Okay, though we’re still far from a true robot butler. I don’t know if we’re ten years away though, especially if you’re tolerant in what you expect a butler to be able to do (welcome guests, take their names, point them in the right direction, answer basic questions? We can already do it. Go up a flight of stairs? Not yet.)
You can always just weld the butler on top of Spot https://www.youtube.com/watch?v=M8YjvHYbZ9w (this does not seem to be a significant blocker)
Cool project! Do you think those robots are going to be a big commercial success?
There are already quite a few of them deployed in stores in Japan, interacting with customers, so for now it’s going okay :)
The prediction about CV doesn’t seem to have aged that well in my view. Others are going fairly well!
I would be surprised if any of these predictions come true. There have already been huge advances in machine vision and they are starting to beat humans at many tasks. Obviously it takes time for new technology to reach the market, but 10 years is plenty. Right now there are a number of startups working on it, and the big tech companies have hired all the researchers.
The idea that computers are better than humans at any kind of everyday vision task is just not true. Papers that report “better than human” performance typically just mean that their algorithms do better than cross-annotator agreement. The field should actually regard the fact that people can write papers reporting such things as more of an embarrassment than a success, since they are really illustrating a (profound) failure of the evaluation paradigm, not deep conceptual or technical achievements.
You don’t know what you are talking about. Last year’s ImageNet Large Scale Visual Recognition Challenge, the top competitor got 6.66% classification error on guessing the correct classification in 5 guesses.
A human tried this challenge and estimated his performance at 5.1%, and that requires extensive time practicing and finding reference images.
Just recently a paper came out reporting 4.94% error. And for the last few years, the best competitor has consistently halved the best error from the year before. So by the time this year’s competition comes out it should be down to 3%!
I’m not sure ImageNet is of sufficiently high quality that a 3% error rate is meaningful. No point in overfitting noise in the supposed right labels. I think the take-away is that image recognition has gotten really good and now we need a new benchmark/corpus, possibly focused on the special-cases where humans still seem better.
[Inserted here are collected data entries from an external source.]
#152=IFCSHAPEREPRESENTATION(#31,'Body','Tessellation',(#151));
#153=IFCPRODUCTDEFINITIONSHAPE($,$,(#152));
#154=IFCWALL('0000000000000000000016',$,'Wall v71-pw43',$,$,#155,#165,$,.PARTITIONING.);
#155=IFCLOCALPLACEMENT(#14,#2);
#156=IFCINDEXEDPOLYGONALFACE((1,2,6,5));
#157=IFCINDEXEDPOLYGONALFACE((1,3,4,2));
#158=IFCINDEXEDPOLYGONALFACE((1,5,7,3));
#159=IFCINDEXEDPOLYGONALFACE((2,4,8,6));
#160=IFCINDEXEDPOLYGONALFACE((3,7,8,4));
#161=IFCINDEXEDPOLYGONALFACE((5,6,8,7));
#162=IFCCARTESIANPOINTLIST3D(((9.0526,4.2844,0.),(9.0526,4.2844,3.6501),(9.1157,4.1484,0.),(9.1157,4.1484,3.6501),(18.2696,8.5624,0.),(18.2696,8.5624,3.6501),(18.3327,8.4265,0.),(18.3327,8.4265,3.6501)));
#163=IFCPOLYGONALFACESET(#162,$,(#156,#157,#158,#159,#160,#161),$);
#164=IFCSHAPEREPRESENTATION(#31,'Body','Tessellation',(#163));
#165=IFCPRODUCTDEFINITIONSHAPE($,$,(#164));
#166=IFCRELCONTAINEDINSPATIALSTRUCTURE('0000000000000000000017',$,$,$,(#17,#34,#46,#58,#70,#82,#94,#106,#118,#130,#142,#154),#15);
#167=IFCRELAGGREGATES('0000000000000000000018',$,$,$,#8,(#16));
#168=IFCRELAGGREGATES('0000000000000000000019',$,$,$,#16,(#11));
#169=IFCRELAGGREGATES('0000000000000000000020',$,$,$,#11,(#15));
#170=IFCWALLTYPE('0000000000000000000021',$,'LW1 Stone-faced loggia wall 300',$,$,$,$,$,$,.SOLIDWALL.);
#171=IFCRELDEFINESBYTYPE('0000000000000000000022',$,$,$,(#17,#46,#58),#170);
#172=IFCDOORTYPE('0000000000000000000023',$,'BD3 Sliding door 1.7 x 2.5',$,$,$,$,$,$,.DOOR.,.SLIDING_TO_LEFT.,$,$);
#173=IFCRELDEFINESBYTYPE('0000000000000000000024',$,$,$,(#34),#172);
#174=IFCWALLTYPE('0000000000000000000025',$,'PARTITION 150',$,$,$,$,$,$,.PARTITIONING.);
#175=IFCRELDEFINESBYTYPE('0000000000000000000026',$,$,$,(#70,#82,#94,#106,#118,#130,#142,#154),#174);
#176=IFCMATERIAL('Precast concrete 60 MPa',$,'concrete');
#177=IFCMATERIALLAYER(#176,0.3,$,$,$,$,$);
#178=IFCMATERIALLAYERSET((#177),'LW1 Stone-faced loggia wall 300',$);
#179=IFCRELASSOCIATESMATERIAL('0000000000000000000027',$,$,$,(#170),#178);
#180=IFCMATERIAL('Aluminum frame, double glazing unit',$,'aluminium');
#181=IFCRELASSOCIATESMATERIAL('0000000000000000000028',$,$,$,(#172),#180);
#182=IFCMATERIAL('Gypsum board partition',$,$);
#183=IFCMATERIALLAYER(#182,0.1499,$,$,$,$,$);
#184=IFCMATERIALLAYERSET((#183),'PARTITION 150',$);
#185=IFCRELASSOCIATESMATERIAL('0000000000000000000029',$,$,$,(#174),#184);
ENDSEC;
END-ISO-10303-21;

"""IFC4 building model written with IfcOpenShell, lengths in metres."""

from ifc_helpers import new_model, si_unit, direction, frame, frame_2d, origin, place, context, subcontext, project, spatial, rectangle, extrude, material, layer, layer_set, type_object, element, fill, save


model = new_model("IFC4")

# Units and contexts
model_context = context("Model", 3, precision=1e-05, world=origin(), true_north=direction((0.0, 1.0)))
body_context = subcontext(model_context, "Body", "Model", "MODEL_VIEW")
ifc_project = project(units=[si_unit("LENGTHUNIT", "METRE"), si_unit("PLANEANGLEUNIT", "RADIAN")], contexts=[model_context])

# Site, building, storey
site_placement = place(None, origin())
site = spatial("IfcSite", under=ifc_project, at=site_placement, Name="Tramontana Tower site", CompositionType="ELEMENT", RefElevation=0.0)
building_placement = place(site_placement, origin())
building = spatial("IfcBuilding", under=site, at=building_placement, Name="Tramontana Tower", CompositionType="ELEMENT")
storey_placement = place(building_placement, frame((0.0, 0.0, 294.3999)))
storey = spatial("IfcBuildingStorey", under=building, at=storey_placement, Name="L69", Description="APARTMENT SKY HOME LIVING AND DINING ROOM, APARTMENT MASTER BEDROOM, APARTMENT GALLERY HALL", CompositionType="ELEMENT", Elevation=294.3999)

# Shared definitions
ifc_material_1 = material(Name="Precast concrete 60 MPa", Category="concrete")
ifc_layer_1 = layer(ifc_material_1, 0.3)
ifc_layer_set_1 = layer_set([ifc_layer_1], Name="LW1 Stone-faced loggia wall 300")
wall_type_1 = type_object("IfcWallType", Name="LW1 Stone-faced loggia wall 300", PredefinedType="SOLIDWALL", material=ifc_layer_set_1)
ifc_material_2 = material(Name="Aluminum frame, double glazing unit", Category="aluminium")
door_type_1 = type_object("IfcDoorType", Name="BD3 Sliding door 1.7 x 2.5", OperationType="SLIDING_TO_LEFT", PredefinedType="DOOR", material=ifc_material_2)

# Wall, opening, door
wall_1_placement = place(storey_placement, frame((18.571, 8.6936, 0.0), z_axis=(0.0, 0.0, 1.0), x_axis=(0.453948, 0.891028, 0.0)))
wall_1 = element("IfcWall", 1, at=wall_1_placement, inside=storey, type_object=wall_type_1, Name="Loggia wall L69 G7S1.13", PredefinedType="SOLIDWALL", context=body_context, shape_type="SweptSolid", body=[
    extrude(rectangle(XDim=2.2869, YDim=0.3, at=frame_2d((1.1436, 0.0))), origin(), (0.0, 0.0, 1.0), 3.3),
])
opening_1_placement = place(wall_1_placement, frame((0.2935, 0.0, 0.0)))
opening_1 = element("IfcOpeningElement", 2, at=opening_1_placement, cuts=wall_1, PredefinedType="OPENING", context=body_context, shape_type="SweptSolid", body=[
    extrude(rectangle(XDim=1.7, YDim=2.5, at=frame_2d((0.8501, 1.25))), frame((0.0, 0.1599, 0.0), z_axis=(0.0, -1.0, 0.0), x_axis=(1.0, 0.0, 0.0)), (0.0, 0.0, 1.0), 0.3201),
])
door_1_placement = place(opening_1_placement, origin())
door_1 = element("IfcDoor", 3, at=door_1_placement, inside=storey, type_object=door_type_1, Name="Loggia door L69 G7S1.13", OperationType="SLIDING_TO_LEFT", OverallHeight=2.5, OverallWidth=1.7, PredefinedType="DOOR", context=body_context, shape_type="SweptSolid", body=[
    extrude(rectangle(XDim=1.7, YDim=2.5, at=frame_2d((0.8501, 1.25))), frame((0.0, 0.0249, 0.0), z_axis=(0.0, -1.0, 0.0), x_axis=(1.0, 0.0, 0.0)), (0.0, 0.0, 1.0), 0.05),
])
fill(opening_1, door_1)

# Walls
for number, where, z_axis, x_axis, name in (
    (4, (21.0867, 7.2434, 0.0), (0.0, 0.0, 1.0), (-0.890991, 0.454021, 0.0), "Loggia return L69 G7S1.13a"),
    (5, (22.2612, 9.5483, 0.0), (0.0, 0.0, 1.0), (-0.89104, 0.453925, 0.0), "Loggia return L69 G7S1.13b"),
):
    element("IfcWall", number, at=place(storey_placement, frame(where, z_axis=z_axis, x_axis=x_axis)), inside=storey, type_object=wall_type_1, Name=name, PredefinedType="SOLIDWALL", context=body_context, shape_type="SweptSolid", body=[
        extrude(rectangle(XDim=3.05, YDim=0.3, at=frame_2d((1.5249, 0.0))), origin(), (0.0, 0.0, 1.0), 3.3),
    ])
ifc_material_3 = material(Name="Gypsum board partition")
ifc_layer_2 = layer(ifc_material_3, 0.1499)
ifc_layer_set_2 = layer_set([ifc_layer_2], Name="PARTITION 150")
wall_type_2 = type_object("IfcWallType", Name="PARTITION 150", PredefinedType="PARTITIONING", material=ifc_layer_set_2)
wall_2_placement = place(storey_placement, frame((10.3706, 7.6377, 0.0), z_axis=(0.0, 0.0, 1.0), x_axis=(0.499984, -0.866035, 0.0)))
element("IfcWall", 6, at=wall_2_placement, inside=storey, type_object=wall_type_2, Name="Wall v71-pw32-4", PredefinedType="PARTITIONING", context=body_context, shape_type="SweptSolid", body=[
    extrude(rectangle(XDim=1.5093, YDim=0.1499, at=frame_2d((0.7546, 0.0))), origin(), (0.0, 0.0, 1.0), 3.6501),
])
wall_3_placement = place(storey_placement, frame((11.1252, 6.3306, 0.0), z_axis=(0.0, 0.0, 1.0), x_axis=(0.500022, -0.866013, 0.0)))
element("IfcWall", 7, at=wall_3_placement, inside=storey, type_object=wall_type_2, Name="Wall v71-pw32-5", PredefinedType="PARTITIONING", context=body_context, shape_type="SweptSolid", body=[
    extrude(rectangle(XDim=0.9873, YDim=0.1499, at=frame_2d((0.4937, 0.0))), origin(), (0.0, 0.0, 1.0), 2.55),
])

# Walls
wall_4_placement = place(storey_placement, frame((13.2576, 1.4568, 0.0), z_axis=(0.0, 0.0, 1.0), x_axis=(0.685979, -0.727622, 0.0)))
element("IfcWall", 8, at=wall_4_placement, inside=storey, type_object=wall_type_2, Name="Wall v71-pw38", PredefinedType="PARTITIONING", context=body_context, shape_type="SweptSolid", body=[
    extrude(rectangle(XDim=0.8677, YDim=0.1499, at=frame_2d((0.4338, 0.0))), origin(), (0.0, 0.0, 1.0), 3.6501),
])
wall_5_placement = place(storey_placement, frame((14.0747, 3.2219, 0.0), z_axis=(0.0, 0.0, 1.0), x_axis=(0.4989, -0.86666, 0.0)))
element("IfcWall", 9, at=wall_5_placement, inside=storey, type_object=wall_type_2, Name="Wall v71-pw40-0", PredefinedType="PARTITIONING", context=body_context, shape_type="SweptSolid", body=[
You are only actually disagreeing with Daniel in so far as
in the ILSVRC is actually
which is far from clear to me.
Well the algorithms used are fairly general. If you can classify an image, you can detect the objects in them and where they are.
The tasks are high interrelated. In classification they search different parts of the images at different scales to try to find a match. And in localization they run a general classifier across the image and find where it detects objects.
In fact the classifier is now being used to actually describe images in natural language.
None of that has much to do with whether the task in question is an “everyday vision task”.
(And: How closely did you read the article about a human trying the challenge? Something like 2⁄3 of his errors were (1) a matter of not being able to identify specific varieties of dog etc. reliably, (2) not being familiar with the specific set of 1000 labels used by the ILSVRC, and (3) not having seen enough examples—typically of particular varieties of dog etc. -- in the training set to be able to make a good call. I think the comparison of error rates gives a poor indication of relative performance—unless what you’re mostly interested in is classifying breeds of dog, I guess.)
He estimates an ensemble of humans could get up to 3% error, under extremely idealistic and totally hypothetical conditions, and with lots of hindsight bias over the mistakes he made the first time.
I did mention that even getting 5% error requires extreme amount of effort sorting through reference images and stuff. While the machine can spit out answers in milliseconds.
In the next few years computers will mop up humans on all vision tasks. Machine vision is quite nearly a solved problem.
I’m not saying “I think humans will always get scores better than computers on this task”. I’m saying:
Score on this task is clearly related to actual object recognition ability, but as the error rates get low and we start looking at the more difficult examples the relationship gets more complicated and it starts to be important to look at what kind of failures we’re seeing on each side.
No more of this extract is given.